General News of Saturday, 22 August 2020
Source: classfmonline.com
President Nana Akufo-Addo has responded to former President John Mahama’s recent comment that implied the government was not applying common sense to running the country.
“Government is planning and government is common sense and that is what the NDC was doing”, Mr Mahama said during one of his campaign tours in the Ketu South Constituency of the Volta Region.
“We were using planning and common sense,” the flagbearer of the National Democratic Congress reiterated.
Mr Mahama also insisted that the government should have applied common sense in fixing the financial sector crisis rather than using GHS22 billion to kill nine banks and more than 400 other financial institutions which, according to him, could have been saved with just GHS9 billion.
Responding the former President during the governing New Patriotic Party’s launch of its 2020 manifesto in Cape Coast, Central Region on Saturday, 22 August 2020, Mr Mahama said: “It has been said by the NDC candidate the NPP policies lack sense” but “if running an emerging oil economy into the arms of the IMF because of indiscipline in the management of public finances is sense, I’m happy that the NPP has another concept of sense”.
“If having sense means cancelling teacher trainee and nurses’ allowances is sense, I’m happy that the NPP has another concept of sense.
“If having sense means recording worst economic management statistics of modern times, the lowest rate of growth of the 50 years, I’m happy that the NPP has another concept of sense”, the President contrasted.
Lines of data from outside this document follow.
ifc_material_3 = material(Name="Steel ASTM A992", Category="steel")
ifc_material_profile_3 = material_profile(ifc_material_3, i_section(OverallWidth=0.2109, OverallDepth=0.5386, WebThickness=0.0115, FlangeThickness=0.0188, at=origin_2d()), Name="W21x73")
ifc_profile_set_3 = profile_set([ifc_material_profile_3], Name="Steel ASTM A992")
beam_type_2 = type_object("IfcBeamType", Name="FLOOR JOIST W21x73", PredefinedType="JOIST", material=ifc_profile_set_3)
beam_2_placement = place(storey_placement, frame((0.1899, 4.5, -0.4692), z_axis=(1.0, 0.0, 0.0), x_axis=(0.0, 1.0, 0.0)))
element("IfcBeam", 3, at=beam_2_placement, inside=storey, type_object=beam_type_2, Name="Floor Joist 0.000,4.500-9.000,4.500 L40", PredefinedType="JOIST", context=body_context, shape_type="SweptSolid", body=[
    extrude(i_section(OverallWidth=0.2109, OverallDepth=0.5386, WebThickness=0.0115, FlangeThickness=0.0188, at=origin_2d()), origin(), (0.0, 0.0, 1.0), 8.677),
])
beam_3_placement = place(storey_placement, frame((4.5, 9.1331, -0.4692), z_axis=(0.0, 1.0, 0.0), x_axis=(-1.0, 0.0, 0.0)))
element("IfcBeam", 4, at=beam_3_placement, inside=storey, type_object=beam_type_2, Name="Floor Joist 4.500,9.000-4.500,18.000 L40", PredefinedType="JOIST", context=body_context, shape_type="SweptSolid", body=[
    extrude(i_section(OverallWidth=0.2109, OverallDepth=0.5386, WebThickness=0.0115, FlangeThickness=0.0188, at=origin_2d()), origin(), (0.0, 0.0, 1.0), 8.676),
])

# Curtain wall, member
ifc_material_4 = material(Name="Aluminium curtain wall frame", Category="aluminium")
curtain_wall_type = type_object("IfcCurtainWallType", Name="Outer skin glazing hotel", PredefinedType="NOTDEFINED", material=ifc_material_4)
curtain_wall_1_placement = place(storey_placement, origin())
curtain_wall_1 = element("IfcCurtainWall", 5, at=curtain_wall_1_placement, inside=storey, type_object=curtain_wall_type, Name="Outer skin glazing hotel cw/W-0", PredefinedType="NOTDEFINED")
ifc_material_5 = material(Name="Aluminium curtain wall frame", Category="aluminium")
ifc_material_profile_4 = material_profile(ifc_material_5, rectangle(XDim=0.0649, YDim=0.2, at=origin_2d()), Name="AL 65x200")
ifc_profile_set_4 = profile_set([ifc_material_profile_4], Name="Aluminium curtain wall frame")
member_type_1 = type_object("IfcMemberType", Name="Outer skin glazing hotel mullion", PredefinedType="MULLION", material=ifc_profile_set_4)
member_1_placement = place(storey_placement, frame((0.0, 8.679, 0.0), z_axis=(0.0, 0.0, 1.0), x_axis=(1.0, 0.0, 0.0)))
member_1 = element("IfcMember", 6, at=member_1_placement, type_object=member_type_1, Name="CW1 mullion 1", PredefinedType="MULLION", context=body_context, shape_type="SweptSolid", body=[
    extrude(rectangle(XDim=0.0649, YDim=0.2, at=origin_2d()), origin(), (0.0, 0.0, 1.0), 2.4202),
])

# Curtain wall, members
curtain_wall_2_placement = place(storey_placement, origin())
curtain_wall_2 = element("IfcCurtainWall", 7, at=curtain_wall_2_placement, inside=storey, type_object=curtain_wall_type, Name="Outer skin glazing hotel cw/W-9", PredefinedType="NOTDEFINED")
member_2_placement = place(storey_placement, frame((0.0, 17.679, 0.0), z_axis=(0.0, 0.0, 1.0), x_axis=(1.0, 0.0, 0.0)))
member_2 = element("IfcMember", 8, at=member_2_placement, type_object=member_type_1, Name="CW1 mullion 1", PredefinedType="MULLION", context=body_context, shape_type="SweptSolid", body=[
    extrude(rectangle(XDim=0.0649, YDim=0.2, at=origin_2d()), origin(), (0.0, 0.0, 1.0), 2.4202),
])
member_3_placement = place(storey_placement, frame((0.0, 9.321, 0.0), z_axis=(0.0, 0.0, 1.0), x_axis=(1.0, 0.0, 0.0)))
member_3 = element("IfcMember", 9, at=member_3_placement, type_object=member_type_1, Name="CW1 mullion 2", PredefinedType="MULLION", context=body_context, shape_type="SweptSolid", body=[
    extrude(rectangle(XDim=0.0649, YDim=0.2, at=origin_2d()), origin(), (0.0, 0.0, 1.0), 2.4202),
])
He continued: “Having sense in the NPP means being able to take an economy growing at 3.4 per cent to an economy that grew, on the average, for three successive years, at least, seven per cent per year before the pandemic and was rightly acknowledged as one of the best-performing economies not just in Africa but also in the world.
“Having sense in the NPP, means executing the programme for Planting for Food and Jobs, which has led to the revival of Ghanaian agriculture from the doldrums of the NDC years, bringing in its wake, bumper harvest and affordable food prices in our markets and exports of significant quantities of foodstuffs to our neighbours.
“Having sense in the NPP, means implementing policies, which, according to the latest Ghana Living Standards Survey, has resulted in declining unemployment rate from 11.9 per cent in 2015 to 7.3 per cent in 2019.
“I’m happy with and prefer the NPP’s sense”, he noted.